The global contest is no longer over barrels and pipelines — it is over who gets to flip the digital switch.

Now, suddenly, he wants everyone to relax: Climate change “will not lead to humanity’s demise” after all.

Gates was making less of a scientific statement and more of a strategic pivot. When elites retire a crisis, it’s never because the threat is gone — it’s because a better one has replaced it. And something else has indeed arrived — something the ruling class finds more useful than fear of the weather.The same day Gates downshifted the doomsday rhetoric, Amazon announced it would pay warehouse workers $30 an hour — while laying off 30,000 people because artificial intelligence will soon do their jobs.

Climate panic was the warm-up. AI control is the main event.

The new currency of power

The world once revolved around oil and gas. Today, it revolves around the electricity demanded by server farms, the chips that power machine learning, and the data that can be used to manipulate or silence entire populations. The global contest is no longer over barrels and pipelines — it is over who gets to flip the digital switch. Whoever controls energy now controls information. And whoever controls information controls civilization.

Climate alarmism gave elites a pretext to centralize power over energy. Artificial intelligence gives them a mechanism to centralize power over people. The future battles will not be about carbon — they will be about control.

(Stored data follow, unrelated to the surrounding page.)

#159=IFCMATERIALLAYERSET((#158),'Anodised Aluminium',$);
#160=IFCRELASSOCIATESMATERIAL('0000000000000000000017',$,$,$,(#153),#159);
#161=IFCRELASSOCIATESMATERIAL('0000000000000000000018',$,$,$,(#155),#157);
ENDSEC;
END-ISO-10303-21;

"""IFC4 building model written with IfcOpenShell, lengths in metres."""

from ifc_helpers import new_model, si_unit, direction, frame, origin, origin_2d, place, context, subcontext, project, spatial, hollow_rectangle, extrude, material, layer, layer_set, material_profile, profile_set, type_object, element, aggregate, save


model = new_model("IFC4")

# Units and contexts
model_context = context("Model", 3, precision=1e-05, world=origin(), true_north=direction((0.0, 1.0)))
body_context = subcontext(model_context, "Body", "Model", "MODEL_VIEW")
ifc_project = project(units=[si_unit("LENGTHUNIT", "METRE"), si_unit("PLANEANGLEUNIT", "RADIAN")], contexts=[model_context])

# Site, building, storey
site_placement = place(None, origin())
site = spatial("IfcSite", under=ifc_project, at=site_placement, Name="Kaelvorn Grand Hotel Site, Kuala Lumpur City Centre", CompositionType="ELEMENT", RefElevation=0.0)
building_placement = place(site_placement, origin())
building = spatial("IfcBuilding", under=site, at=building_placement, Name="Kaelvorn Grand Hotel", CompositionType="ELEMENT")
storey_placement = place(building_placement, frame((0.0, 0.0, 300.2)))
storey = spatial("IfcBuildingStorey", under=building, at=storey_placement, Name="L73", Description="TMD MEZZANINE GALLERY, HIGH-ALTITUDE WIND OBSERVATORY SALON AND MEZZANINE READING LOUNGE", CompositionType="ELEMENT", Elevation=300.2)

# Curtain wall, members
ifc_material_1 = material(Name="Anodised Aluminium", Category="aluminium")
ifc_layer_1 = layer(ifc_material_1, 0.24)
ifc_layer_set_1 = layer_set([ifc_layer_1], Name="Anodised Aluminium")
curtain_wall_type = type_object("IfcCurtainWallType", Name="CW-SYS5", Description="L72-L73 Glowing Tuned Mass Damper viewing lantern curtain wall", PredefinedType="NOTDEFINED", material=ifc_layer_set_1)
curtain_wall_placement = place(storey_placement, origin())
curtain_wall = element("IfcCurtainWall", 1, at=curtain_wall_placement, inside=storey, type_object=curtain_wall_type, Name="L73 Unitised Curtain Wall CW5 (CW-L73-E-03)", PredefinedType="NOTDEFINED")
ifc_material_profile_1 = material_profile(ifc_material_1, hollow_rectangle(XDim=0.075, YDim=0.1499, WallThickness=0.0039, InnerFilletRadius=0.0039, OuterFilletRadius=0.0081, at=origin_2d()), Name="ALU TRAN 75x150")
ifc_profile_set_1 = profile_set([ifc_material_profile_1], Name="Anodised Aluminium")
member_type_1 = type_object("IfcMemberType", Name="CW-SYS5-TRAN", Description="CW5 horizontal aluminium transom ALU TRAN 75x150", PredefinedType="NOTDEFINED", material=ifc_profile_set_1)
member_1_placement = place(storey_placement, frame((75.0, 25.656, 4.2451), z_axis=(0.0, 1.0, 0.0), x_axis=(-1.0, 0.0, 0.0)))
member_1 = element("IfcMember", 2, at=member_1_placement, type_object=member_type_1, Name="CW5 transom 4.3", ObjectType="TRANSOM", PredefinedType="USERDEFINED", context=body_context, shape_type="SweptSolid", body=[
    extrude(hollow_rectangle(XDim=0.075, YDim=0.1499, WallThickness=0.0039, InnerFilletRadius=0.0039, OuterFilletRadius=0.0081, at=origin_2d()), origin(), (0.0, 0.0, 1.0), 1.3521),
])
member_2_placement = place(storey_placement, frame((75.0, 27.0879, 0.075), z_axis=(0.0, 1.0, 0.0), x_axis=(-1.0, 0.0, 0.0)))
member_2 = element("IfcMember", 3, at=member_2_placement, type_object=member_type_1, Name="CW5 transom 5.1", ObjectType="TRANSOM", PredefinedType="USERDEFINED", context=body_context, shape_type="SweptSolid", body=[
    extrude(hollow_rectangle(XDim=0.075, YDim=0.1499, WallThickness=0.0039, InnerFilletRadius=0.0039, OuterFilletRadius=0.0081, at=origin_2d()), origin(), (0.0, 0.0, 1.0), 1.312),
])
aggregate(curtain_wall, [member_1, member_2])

Two futures — both ending in tyranny

Americans are already being pushed into what look like two opposing movements, but both leave the individual powerless.

The first is the technocratic empire being constructed in the name of innovation. In its vision, human work will be replaced by machines, and digital permissions will subsume personal autonomy.

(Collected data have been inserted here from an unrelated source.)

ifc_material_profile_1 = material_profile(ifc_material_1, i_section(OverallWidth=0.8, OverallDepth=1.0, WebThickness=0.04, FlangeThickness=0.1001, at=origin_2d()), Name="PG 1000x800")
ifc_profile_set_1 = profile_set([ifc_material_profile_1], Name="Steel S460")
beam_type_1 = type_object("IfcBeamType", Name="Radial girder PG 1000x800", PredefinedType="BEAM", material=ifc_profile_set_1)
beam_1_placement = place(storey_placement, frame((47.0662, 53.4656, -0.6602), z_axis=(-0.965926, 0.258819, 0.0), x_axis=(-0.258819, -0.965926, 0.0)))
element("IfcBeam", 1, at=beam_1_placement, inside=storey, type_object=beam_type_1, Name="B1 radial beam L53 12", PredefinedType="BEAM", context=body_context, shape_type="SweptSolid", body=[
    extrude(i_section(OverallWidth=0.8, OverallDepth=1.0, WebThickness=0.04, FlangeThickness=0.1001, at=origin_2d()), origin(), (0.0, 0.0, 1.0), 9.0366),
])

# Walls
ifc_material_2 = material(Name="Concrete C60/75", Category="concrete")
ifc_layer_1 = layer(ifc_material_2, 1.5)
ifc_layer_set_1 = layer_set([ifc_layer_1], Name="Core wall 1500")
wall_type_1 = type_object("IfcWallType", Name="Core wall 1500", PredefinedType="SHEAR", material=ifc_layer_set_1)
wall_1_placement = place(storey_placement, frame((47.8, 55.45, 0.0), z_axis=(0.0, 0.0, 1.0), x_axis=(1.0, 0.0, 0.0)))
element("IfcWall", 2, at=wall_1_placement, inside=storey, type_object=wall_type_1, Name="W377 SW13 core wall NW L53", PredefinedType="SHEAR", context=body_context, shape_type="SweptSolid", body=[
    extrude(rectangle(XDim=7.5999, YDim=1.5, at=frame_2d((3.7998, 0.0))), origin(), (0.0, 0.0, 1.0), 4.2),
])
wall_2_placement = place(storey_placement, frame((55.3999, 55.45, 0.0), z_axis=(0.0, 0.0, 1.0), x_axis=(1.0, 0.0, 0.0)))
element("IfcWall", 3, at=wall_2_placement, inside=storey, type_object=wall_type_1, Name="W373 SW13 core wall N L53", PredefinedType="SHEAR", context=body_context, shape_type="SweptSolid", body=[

Government and corporations merge into a single authority. Your identity, finances, medical decisions, and speech rights become access points monitored by biometric scanners and enforced by automated gatekeepers. Every step, purchase, and opinion is tracked under the noble banner of “efficiency.”

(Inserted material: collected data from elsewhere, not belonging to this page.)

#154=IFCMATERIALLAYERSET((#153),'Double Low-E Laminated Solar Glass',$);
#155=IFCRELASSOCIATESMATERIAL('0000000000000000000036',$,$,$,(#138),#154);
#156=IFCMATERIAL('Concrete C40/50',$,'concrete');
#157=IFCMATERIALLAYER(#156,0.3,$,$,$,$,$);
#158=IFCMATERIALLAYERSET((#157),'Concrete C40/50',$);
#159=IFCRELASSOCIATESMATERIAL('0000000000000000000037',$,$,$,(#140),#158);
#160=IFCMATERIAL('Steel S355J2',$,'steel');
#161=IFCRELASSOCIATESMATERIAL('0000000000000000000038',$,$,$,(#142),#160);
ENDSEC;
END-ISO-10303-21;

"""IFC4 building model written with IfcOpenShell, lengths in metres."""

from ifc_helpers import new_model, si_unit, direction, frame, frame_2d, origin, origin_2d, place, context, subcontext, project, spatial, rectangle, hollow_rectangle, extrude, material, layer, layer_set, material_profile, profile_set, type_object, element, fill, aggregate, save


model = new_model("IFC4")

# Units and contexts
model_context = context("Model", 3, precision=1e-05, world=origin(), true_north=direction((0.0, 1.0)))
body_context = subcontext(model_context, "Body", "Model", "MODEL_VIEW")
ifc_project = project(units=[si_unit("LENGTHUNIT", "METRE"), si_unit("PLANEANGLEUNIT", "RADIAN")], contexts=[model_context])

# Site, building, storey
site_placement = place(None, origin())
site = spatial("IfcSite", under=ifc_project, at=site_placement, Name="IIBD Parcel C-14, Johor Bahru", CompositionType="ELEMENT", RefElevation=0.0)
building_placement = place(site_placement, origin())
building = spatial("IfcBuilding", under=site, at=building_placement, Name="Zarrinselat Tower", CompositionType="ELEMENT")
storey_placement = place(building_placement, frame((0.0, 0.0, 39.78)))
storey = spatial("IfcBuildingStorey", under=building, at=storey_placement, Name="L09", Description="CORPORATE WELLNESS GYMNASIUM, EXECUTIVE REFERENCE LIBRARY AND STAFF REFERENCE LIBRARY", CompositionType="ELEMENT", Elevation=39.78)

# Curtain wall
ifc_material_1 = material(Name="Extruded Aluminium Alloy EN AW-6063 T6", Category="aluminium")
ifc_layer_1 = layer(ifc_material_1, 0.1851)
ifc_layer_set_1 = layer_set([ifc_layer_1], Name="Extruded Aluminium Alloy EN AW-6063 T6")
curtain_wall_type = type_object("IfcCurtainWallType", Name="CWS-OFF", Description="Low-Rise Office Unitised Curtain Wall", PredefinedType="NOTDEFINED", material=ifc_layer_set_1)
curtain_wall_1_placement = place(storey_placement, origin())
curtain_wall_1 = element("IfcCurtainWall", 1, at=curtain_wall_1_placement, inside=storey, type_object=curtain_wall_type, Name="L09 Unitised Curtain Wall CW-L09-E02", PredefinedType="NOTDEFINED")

The second is the green de-growth utopia being marketed as “compassion.” In this vision, prosperity itself becomes immoral. You will own less because “the planet” requires it. Elites will redesign cities so life cannot extend beyond a 15-minute walking radius, restrict movement to save the Earth, and ration resources to curb “excess.” It promises community and simplicity, but ultimately delivers enforced scarcity. Freedom withers when surviving becomes a collective permission rather than an individual right.

Both futures demand that citizens become manageable — either automated out of society or tightly regulated within it. The ruling class will embrace whichever version gives them the most leverage in any given moment.

Climate panic was losing its grip. AI dependency — and the obedience it creates — is far more potent.

The forgotten way

A third path exists, but it is the one today’s elites fear most: the path laid out in our Constitution. The founders built a system that assumes human beings are not subjects to be monitored or managed, but moral agents equipped by God with rights no government — and no algorithm — can override.

Hesham Elsherif / Stringer | Getty Images

That idea remains the most “disruptive technology” in history. It shattered the belief that people need kings or experts or global committees telling them how to live. No wonder elites want it erased.

Soon, you will be told you must choose: Live in a world run by machines or in a world stripped down for planetary salvation. Digital tyranny or rationed equality. Innovation without liberty or simplicity without dignity.

Both are traps.

The only way

The only future worth choosing is the one grounded in ordered liberty — where prosperity and progress exist alongside moral responsibility and personal freedom and human beings are treated as image-bearers of God — not climate liabilities, not data profiles, not replaceable hardware components.

Bill Gates can change his tune. The media can change the script. But the agenda remains the same.

They no longer want to save the planet. They want to run it, and they expect you to obey.